O livro retrata esse exílio, bem como o que ocorre em Segóvia durante as três décadas, culminando com o retorno de Fernando à cidade natal. Numa Espanha católica, povoada por frades safados, abades ardilosos e curas decadentes, estâncias, mulheres de moura sensualidade, bodegas, ciganos e embalses, estão em jogo a honra, a amizade e o amor.
A amizade, aqui, é entendida tal qual a classificou Marcel Proust em certo parágrafo do tomo "A Sombra das Raparigas em Flor", isto é, como a abdicação de si mesmo, uma espécie de aniquilação dos desejos individuais. A honra, por sua parte, é o trunfo maior da moralidade; e o amor, mesmo funcionando como motor de tudo, subordina-se a uma e a outra.
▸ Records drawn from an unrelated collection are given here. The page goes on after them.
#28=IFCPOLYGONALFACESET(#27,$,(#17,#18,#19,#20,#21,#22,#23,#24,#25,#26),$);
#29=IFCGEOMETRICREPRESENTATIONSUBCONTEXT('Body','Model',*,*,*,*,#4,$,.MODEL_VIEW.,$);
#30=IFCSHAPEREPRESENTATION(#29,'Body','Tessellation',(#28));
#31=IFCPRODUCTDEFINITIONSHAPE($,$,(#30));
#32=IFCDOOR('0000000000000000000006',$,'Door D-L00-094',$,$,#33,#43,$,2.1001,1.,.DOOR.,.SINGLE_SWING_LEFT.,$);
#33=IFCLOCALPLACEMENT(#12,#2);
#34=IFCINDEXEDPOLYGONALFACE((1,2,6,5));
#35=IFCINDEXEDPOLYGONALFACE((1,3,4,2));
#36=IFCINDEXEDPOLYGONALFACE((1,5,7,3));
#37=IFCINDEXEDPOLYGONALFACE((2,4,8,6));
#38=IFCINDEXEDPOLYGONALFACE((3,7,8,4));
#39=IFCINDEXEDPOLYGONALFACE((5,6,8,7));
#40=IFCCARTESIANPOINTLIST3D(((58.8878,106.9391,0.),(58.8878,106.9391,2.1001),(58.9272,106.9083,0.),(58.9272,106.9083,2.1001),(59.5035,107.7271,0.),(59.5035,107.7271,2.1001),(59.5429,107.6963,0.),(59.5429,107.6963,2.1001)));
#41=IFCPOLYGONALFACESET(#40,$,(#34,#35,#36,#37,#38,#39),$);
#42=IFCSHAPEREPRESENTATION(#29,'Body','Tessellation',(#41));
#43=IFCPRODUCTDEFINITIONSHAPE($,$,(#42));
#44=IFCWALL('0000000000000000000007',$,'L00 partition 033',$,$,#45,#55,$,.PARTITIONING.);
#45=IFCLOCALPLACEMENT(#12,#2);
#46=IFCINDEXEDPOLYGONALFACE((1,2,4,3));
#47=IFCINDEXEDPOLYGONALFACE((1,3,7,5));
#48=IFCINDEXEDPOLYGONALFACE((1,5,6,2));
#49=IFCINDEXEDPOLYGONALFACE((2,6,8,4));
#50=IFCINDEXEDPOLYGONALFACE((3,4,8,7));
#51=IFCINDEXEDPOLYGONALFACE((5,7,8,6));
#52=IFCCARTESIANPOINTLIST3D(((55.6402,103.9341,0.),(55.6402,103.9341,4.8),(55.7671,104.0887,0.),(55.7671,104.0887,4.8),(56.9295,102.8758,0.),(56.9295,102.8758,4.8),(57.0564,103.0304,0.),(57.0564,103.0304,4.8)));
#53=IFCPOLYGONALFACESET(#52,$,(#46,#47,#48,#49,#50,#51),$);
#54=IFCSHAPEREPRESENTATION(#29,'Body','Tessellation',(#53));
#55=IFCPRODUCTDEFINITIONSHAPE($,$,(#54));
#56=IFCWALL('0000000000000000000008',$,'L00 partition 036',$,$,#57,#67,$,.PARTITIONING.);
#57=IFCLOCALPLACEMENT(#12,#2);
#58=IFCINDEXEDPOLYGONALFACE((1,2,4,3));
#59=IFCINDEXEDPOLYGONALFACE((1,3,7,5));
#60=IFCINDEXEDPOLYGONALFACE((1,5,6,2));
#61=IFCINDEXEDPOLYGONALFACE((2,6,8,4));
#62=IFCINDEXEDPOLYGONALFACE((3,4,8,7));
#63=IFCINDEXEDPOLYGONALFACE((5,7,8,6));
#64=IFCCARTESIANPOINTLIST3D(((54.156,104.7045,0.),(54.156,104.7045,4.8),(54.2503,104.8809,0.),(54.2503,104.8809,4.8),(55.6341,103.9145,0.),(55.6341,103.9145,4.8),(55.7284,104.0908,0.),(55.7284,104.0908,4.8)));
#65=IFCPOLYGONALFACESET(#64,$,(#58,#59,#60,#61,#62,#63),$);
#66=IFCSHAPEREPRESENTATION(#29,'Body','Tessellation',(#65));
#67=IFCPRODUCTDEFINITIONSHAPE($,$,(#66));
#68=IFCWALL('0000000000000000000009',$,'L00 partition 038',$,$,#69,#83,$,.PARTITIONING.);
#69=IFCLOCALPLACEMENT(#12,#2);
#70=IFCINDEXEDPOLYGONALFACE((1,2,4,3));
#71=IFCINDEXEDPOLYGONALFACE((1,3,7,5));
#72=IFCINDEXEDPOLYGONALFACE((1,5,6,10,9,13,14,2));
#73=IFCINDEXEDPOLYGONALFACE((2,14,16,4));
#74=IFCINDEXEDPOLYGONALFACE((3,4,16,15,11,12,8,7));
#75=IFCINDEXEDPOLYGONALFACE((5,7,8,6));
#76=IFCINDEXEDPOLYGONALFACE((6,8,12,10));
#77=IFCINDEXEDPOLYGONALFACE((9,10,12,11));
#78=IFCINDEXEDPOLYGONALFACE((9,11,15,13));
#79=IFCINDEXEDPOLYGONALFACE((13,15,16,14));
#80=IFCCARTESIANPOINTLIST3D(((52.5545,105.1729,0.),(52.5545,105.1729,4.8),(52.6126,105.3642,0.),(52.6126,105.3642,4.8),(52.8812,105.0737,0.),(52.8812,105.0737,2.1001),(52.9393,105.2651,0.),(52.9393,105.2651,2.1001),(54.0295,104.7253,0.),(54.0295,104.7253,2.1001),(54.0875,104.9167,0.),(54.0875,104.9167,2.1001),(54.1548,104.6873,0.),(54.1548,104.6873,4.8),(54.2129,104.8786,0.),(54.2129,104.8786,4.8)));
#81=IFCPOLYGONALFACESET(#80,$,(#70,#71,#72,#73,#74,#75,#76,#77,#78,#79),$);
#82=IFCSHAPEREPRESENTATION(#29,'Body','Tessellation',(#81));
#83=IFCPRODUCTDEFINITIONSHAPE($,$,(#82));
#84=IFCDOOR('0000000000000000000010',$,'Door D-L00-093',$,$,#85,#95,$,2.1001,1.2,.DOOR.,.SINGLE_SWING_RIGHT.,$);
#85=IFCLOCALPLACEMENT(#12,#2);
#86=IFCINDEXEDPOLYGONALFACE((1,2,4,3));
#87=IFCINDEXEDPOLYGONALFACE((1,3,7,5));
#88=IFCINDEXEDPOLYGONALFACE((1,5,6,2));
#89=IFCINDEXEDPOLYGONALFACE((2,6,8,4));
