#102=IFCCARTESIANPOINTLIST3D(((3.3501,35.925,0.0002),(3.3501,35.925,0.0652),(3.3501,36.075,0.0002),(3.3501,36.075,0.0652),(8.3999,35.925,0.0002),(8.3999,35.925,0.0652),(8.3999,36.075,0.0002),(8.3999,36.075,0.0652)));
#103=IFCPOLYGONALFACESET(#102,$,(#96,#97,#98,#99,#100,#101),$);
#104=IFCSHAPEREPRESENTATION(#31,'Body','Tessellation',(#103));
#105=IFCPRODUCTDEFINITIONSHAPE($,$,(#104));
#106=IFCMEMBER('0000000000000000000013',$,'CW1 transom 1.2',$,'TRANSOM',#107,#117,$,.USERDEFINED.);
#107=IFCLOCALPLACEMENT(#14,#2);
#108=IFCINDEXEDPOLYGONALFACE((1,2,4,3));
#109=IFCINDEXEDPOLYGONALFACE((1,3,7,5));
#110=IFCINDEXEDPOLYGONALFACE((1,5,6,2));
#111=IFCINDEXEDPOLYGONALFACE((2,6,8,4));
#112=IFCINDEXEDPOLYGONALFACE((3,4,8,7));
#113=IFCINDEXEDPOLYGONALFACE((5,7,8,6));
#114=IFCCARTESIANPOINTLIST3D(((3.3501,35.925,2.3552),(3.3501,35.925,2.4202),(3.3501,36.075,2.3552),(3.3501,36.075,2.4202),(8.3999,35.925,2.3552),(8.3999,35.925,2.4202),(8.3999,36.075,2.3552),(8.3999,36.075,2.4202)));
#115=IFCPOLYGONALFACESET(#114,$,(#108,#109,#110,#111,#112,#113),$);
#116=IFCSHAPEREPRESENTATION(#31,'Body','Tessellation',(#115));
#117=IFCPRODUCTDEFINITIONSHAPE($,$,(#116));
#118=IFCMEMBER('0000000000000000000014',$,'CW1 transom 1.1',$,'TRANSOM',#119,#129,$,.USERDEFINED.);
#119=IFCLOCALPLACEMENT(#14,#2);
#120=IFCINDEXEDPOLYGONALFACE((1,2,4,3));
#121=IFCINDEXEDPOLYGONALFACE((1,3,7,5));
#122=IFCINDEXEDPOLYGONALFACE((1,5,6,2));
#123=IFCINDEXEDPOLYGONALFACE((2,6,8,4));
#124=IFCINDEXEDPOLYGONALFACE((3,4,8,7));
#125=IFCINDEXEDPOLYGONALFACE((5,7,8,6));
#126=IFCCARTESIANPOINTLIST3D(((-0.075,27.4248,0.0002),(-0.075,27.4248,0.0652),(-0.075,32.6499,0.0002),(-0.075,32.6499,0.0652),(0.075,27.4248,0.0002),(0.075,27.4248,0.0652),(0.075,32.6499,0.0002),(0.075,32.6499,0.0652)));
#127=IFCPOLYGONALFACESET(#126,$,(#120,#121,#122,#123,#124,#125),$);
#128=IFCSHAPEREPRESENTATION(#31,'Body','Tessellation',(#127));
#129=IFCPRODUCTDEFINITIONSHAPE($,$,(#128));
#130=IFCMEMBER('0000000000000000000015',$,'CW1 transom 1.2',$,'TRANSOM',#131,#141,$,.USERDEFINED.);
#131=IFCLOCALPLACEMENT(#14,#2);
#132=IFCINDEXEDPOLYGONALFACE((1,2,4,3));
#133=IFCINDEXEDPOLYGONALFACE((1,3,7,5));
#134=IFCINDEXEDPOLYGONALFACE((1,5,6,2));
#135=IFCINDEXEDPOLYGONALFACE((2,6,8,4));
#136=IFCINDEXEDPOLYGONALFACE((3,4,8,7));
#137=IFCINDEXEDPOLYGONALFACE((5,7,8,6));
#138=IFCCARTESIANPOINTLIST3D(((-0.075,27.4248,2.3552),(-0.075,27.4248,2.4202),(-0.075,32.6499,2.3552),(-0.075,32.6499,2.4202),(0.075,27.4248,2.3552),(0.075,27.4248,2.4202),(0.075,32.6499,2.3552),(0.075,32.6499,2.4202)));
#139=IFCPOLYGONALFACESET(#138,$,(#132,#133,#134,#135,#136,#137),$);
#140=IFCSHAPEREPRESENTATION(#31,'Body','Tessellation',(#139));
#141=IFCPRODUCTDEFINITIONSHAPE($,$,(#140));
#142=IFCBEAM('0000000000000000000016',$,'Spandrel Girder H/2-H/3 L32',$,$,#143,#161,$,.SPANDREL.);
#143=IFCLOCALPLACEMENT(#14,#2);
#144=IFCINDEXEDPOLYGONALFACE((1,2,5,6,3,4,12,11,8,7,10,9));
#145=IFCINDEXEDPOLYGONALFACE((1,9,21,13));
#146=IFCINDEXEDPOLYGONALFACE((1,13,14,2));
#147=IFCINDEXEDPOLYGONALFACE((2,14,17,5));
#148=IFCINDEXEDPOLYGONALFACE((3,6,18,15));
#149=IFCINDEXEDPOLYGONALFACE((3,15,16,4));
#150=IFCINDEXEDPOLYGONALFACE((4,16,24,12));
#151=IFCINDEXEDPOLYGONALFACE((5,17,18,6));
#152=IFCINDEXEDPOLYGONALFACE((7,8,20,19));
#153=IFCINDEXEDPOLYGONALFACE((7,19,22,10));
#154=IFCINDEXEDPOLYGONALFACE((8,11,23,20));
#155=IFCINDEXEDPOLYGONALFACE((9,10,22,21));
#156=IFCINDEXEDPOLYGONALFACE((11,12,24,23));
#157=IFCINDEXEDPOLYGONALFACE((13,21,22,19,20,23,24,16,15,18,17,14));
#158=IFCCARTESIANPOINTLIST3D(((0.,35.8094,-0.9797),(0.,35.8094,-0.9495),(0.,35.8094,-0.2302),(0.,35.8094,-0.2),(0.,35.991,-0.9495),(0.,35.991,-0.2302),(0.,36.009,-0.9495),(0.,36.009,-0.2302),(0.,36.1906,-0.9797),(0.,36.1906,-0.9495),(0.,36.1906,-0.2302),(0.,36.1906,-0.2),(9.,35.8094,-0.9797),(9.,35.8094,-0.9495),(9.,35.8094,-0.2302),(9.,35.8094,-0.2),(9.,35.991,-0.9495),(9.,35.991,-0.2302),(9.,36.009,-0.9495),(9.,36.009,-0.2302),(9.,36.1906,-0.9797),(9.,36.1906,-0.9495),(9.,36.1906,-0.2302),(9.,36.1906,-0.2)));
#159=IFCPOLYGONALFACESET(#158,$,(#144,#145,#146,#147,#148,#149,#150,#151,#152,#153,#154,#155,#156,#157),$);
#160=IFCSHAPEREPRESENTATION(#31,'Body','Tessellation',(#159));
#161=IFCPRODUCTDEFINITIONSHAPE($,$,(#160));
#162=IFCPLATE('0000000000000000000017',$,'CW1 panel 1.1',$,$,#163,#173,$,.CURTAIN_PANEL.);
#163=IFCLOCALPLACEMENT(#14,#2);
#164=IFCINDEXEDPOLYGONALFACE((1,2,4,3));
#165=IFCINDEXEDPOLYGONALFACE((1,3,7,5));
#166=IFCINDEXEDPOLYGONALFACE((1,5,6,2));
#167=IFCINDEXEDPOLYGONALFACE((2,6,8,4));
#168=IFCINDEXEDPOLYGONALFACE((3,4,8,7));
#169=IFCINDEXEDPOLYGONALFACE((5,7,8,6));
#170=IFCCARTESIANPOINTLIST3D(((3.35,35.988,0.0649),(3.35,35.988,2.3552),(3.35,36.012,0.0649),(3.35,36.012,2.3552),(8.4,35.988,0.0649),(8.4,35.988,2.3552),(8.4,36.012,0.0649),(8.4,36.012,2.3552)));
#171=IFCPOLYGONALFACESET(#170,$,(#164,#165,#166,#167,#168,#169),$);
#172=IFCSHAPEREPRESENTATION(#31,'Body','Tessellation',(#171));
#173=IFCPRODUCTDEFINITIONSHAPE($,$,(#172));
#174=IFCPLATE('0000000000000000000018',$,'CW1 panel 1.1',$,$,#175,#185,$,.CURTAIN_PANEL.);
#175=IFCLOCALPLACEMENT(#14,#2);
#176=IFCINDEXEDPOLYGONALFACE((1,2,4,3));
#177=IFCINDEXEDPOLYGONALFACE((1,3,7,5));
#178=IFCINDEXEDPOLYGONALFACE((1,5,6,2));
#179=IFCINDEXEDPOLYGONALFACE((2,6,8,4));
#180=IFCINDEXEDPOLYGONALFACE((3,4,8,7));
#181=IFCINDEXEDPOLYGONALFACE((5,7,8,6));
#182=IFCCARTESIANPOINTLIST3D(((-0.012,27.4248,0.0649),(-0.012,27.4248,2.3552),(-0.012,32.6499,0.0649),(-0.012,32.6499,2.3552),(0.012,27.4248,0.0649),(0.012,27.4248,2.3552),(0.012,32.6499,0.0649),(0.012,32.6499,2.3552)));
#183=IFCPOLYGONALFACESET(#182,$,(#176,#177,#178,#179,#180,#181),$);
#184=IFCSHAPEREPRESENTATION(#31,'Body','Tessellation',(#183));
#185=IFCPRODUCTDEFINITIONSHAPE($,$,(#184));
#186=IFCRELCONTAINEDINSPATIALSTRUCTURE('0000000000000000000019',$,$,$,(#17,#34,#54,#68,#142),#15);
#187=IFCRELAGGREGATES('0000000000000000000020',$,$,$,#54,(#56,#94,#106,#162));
Pimenta, mineiro, 35 anos, tece "A Estrada de Salamanca" com extrema firmeza e fina ironia, num linguajar charmoso mas rígido, cheio de requebros mas coerente e harmônico. Leia a seguinte descrição:
"As mãos trêmulas de Fernando abrem a janela do quarto. O sol se reflete na lâmina confrangida daquelas águas verdes. Mais tarde, ele irá para a biblioteca, manuseará os livros, códices, anotará frases, e se certificará de que o seu coração mal verruma as grades do peito. A imagem de Isabel rodeia-lhe como algas a uma cidade submersa".
Em outra parte, cheio de ironia, o narrador afirma:
"Miguelito cultivava uma unha enorme no mindinho. Às vezes, com muita delicadeza, ele cofiava a réstia de bigode com aquela unha. Ou então ele erguia a mão, afastando o meiminho dos outros dedos e, em seguida, introduzia-o no nariz. Um prazer indescritível, de franca prosperidade, abrandava seu mundo."
Mãos de ferro controlam todo o desenrolar do romance. Pimenta trabalha corretamente o jogo dos tempos verbais, por exemplo, narrando às vezes com o uso do passado, às vezes no presente, sem que o leitor se dê conta da alteração.
Com a naturalidade de um autor maduro, mistura expressões banais e ditos populares a um vocabulário belo e sofisticado, e ainda -arte só cultivada pelos bons contadores- introduz aqui e ali, sutilmente, ícones de momentos já narrados, a fim de que o leitor nunca se perca.
À página 287, referindo-se à técnica de dom Rosalbo Crespo, personagem contador de casos, o próprio autor nos explica indiretamente o seu método: "...a magia branca da criação insiste que os livros são florestas, os capítulos que os permeiam, frondosas árvores, os parágrafos, galhos, e as palavras, substância imponderável, as folhas. Em segundo lugar, a responsabilidade da seiva que penetra os umbres da madeira cabe à secreta poesia que escorre nos laivos das frases". Sem comentários.